Довелось мне как-то работать в том районе на месторождении Укдуска, в десяти километрах к востоку от бамовской станции Хани, единственной якутской на всем протяжении магистрали.
Наш лагерь располагался на старой базе геологов, разведывавших месторождение на небольшой речке, - она брала из озера Юс-Кюёль не только его хрустальную воду, но также и само название, не имея, в общем-то, на то право, ведь вода в ней была уже не озёрная, а речная.
Ещё в городе мы договорились с директором АмурКНИИ (в нём я тогда работал), академиком В.Г. Моисеенко, что созвонимся с ним, и я скажу, где будет находиться наш лагерь, поскольку планировалась инспектирующая поездка по перспективным геологическим объектам амурского участка БАМа. К ним относилось и месторождение апатита Укдуска на одноимённой горе, поблизости от нашего лагеря правильным вулканом вырастающей прямо из заросших морошкой марей и болот.
По телефону я сообщил директору, что мы стоим на месте оставленного разведочного посёлка на ручье Юс-Кюёль, в десяти километрах от места его впадения в реку Хани. Он переспросил название, и я несколько раз его продиктовал, стараясь выговаривать максимально чётко, а надо бы по буквам: «Юля, Света, Катя, Юля, ёлка, Лена, мягкий знак, наконец»
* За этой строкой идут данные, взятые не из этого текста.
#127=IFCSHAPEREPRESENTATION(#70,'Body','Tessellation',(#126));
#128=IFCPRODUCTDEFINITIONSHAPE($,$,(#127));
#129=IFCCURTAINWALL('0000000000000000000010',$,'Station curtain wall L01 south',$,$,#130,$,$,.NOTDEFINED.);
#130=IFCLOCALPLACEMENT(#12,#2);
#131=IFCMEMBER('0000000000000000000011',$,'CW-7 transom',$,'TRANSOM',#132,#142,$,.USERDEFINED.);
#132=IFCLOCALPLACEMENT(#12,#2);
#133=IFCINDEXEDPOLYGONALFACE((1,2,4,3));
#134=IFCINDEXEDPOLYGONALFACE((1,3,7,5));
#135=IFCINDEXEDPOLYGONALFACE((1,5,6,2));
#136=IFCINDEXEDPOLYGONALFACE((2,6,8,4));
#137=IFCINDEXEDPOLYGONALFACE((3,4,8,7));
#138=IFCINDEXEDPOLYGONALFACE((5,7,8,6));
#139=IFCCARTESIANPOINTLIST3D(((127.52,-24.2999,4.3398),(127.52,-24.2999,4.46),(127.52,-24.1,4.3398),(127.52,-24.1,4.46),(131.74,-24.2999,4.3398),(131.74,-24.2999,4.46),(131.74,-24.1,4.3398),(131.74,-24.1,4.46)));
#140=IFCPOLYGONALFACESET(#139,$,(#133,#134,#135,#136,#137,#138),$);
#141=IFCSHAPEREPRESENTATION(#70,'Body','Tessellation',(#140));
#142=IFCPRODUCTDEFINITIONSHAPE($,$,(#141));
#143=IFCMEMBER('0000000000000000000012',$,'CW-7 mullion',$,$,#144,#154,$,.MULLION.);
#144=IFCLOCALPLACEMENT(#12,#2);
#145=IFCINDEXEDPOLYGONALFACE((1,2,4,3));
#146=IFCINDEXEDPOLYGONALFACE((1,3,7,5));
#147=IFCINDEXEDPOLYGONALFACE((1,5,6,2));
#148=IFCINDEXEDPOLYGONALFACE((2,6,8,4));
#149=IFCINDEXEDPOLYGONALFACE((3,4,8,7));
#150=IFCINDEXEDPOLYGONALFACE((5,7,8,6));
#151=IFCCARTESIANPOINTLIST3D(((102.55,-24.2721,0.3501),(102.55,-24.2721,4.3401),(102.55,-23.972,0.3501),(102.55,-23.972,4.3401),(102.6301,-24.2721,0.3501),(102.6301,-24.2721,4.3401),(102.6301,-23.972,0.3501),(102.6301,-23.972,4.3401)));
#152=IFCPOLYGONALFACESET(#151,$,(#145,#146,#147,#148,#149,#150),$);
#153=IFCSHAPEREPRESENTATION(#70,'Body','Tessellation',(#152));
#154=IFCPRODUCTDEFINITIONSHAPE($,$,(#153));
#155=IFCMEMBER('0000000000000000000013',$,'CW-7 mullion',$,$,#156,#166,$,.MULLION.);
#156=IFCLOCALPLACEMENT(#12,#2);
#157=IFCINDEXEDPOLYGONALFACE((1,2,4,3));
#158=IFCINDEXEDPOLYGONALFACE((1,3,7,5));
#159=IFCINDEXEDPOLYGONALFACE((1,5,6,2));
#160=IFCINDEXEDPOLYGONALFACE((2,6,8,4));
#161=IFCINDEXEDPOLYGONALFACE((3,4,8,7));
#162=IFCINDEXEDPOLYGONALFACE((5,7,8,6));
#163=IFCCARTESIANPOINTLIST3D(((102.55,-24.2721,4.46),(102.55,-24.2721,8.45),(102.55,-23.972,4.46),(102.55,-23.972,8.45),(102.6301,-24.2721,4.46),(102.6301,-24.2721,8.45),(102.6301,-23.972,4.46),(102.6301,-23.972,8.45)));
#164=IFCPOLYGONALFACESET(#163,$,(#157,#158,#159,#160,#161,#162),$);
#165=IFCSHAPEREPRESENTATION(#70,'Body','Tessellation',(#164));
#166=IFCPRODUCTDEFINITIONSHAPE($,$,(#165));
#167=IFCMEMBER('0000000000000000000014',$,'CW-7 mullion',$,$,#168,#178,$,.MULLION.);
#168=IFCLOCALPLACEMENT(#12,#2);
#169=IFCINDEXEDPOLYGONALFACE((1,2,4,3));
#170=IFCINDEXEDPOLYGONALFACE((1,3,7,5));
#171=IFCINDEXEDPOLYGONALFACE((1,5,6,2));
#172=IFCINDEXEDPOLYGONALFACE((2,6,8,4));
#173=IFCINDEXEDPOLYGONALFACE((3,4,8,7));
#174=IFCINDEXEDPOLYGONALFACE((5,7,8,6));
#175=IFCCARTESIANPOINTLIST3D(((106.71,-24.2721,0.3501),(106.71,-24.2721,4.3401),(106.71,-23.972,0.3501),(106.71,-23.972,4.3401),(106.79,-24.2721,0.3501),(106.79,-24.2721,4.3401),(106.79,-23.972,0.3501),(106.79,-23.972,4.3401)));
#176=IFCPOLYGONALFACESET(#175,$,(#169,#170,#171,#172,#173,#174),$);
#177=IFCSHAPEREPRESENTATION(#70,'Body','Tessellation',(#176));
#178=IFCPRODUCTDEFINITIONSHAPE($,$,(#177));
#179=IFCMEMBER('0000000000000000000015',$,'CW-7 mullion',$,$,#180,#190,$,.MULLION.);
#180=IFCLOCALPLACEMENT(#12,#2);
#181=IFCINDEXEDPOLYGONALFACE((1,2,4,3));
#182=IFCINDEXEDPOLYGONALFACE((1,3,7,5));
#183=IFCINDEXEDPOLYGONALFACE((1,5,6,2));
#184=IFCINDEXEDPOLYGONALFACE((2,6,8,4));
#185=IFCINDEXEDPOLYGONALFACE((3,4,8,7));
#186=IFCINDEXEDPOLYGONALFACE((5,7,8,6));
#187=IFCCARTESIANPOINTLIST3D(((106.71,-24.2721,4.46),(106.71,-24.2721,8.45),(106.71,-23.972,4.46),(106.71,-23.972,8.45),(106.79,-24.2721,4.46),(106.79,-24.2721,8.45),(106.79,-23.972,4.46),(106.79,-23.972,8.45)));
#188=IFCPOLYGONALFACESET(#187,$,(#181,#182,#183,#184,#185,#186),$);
В назначенный для прилёта день мы не пошли в маршрут, всматриваясь в ясное небо на северо-востоке. Показался вертолет, проплыл стороной над долиной Хани и ушёл в сторону станции, скрывшись за высокими сопками. "Федот, да не тот!", - решили мы. Минут через тридцать он показался снова, сделал над нашим лагерем круг и плюхнулся на поляну неподалеку. Из машины вывалила толпа визитёров с директором во главе.
Сразу выяснилась причина позднего прибытия вертолёта. Оказалось, что его пилотами довольно безуспешно разыскивался ручей “Узкий Куль” и только на аэродроме в Хани догадливые хозяева распознали в нём истинное название, направив вертолет точно по адресу. Вот уж, действительно, нарочно не придумаешь! Все вместе посмеялись.
Потом, после совещания за нашим походным столом, вместе с отцами-командирами я сел в вертолёт, чтобы пролететь ещё на месторождение железа неподалеку, а оттуда в Усть-Нюкжу, где меня ждал денежный перевод, – полевые работы требуют расходов, - и, возможно, почта до востребования. Вот тогда с высоты птичьего полета я и посмотрел на озеро Юс-Кюёль, длинной чёрной лентой протянувшееся среди покрытых курумами голых каменных сопок.
Анекдотическая ситуация с "испорченным телефоном" или, вернее, телеграфом, случилась у меня ещё один раз несколькими годами позже, уже на Имангре и опять в ассоциации с вертолётом. У автомобильного моста, меня с вездеходом ждал наш сотрудник Нужнов. Трудно всё предусмотреть заранее, когда работаешь в тайге с техникой. Наше появление на месте встречи задержалось на два дня, а Нужнов к тому времени поспешил отправить в Благовещенск телеграмму такого содержания: "Ботряков к сроку не выехал зпт попробую разыскать его с помощью вертолёта и матюка тчк". У нашего руководителя, ознакомившегося с текстом телеграммы, от удивления глаза на лоб полезли. Представившаяся ему картина, наверное, была такая: Нужнов летает на вертолёте над тайгой и почём зря матюкается в мой адрес, полагая, что именно это более всего поможет ему в поисках.
А объяснялось всё весьма просто: вместо "матюка", надо было читать: "Масюка". То ли телеграфистка была с большим чувством юмора, то ли она ошиблась при передаче телеграммы, заменив непонятное слово таким близким и родным, – этого мы никогда не узнали. Александр же Масюк был в то время начальником партии Зейской геолого-съёмочной экспедиции, и его помощью мы иногда пользовались. Несколькими днями позже именно он отправил нас из Усть-Нюкжи до Тынды на “чартерном” вертолёте, так что их тесное соседство в одной телеграмме воплотилось в реальность.